L’opposition aux plans fiscaux cryptographiques prend de l’ampleur en Corée du Sud



Le gouvernement sud-coréen a vu une vague d’opposition au projet de lever des impôts l’année prochaine contre le commerce de crypto-monnaie.

L’impôt proposé de 20% sur les revenus gagnés grâce au commerce a été présenté comme un moyen de «normaliser la fiscalité» pour les transactions impliquant des actifs cryptographiques.

Mais certains défenseurs et investisseurs ont demandé au gouvernement au cours des trois derniers mois d’autoriser des déductions sur les revenus.

Jusqu’à présent, trois pétitions ont été déposées à cet effet auprès de la Blue House présidentielle sud-coréenne. Le dernier, qui a été déposé cette semaine, appelle désormais également le président de la Commission des services financiers à démissionner.

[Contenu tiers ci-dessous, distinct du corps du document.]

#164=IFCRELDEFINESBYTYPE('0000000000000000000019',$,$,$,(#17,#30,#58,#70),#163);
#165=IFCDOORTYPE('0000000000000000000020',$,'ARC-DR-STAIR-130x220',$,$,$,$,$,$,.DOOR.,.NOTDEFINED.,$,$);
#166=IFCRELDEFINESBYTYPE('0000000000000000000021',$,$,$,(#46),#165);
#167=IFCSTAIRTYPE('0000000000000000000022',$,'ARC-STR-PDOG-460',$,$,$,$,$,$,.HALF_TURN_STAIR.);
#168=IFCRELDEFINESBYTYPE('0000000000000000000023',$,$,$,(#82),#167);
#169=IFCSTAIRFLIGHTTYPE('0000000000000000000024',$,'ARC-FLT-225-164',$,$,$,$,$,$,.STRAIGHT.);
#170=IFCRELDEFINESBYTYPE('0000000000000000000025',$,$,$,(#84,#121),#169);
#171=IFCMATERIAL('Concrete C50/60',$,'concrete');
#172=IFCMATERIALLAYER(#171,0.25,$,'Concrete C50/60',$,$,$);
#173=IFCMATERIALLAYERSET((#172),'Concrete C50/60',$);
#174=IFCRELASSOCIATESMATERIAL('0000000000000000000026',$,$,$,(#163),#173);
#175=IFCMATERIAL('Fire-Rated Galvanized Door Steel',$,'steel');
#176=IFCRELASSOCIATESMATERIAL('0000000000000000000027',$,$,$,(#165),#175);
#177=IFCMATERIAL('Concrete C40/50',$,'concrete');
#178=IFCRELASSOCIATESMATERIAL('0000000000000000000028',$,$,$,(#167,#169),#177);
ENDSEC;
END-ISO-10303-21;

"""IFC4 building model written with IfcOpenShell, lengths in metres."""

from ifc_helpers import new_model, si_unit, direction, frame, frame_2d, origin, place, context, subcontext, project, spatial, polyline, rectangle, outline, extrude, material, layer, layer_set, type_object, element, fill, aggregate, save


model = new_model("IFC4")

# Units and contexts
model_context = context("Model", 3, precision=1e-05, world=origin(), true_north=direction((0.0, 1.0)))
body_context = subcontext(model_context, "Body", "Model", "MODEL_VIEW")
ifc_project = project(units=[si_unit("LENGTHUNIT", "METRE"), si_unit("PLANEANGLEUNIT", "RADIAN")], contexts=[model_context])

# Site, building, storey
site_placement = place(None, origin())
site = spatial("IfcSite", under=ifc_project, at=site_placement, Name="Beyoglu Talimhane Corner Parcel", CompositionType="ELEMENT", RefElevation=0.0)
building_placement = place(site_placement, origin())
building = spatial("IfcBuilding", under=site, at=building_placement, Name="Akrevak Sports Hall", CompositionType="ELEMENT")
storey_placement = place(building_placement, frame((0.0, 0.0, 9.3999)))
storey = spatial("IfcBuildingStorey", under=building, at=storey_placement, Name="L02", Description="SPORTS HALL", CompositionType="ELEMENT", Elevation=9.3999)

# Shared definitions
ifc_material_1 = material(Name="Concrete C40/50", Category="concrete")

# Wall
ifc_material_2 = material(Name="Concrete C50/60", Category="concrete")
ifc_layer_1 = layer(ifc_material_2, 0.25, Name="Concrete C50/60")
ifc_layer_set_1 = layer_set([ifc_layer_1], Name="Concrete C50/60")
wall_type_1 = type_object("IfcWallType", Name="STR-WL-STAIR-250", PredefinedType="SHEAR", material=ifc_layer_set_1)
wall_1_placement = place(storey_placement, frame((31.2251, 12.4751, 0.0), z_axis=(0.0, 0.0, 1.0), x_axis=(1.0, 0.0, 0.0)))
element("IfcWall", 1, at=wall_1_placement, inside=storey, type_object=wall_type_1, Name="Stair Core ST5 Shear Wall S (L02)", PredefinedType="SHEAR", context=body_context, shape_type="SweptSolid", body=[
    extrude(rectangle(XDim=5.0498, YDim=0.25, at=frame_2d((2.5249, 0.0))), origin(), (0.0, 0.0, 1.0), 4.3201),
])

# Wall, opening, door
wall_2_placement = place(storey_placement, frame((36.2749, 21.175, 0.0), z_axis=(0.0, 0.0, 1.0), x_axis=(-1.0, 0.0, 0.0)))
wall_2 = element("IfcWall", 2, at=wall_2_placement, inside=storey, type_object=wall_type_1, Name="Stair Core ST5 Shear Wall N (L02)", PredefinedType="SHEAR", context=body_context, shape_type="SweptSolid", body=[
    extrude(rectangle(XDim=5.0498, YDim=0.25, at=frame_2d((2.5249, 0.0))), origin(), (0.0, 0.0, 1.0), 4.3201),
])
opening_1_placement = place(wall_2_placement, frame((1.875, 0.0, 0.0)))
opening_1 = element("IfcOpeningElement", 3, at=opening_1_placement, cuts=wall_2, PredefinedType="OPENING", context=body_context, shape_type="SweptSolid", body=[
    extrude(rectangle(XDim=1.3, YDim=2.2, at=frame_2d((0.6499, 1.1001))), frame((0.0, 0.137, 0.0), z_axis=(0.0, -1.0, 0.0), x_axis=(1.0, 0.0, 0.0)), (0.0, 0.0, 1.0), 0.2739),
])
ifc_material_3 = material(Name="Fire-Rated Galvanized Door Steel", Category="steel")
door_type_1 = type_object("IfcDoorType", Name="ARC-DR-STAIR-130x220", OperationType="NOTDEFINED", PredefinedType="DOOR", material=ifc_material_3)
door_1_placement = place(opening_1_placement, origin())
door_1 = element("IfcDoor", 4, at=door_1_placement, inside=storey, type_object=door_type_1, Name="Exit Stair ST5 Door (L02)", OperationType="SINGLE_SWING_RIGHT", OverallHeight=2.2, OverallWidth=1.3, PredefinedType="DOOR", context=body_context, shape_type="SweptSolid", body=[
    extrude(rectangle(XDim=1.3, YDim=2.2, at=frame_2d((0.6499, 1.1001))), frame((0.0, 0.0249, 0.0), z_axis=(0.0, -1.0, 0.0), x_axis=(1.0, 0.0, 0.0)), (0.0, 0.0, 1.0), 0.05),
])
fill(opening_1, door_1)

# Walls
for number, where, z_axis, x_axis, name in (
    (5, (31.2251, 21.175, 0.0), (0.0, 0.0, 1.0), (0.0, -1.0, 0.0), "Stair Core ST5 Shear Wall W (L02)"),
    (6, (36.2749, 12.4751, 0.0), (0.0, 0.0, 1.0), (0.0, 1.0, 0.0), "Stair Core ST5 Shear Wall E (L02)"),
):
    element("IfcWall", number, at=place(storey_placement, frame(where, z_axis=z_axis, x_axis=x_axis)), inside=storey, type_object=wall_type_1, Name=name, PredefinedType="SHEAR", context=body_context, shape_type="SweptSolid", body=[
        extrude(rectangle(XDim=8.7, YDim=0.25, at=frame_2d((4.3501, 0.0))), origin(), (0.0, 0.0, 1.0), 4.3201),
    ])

Eun Sung-soo a été critiqué pour les propos qu’il a tenus ce jeudi sur l’utilisation et la validité de ces actifs.

« Aucune valeur intrinsèque »

S’adressant aux législateurs, il a décrit la crypto-monnaie comme «un actif cryptographique sans valeur intrinsèque», réitérant la position du gouvernement sur la question.

Il a également établi des comparaisons entre les investissements dans l’art et les crypto-monnaies, suggérant qu’il existait des moyens plus sûrs d’investir de l’argent.

Ces remarques se sont heurtées à une opposition farouche. L’auteur anonyme de la dernière pétition a accusé le gouvernement d’avoir «deux poids deux mesures» en limitant les opportunités pour les nouvelles générations, tandis que les générations plus âgées avaient apparemment élargi leur richesse avec facilité par des voies comme l’immobilier.

Lutter contre les crimes financiers

Les remarques d’Eun font suite à l’annonce faite lundi par le gouvernement de son intention de réprimer les crimes financiers impliquant des crypto-monnaies, y compris la fraude à l’investissement et les escroqueries.

Les tentatives du gouvernement de réglementer le commerce des crypto-monnaies ont vu les autorités de Séoul saisir les actifs numériques de 676 personnes accusées d’évasion fiscale.

Comme indiqué, ils doivent collectivement au gouvernement environ 25 millions de dollars en souffrance. En outre, ils font partie des 1556 entités dont le gouvernement a découvert qu’elles détenaient des crypto-monnaies dans trois échanges cryptographiques de la ville. À partir de l’année prochaine, les échanges cryptographiques seront mandatés pour remettre les enregistrements des transactions et des transactions.

Actuellement, les fournisseurs de services d’actifs virtuels sont tenus, en vertu des modifications apportées à la réglementation anti-blanchiment, de «vérifier l’identité des clients» et de «signaler les transactions suspectes», entre autres tâches.

Alors que les modifications ont été approuvées le mois dernier, les régulateurs cherchent à élargir encore le champ d’application en envisageant une surveillance plus stricte des envois de fonds liés aux différences de prix des bitcoins (BTC) négociés sur les bourses locales et étrangères.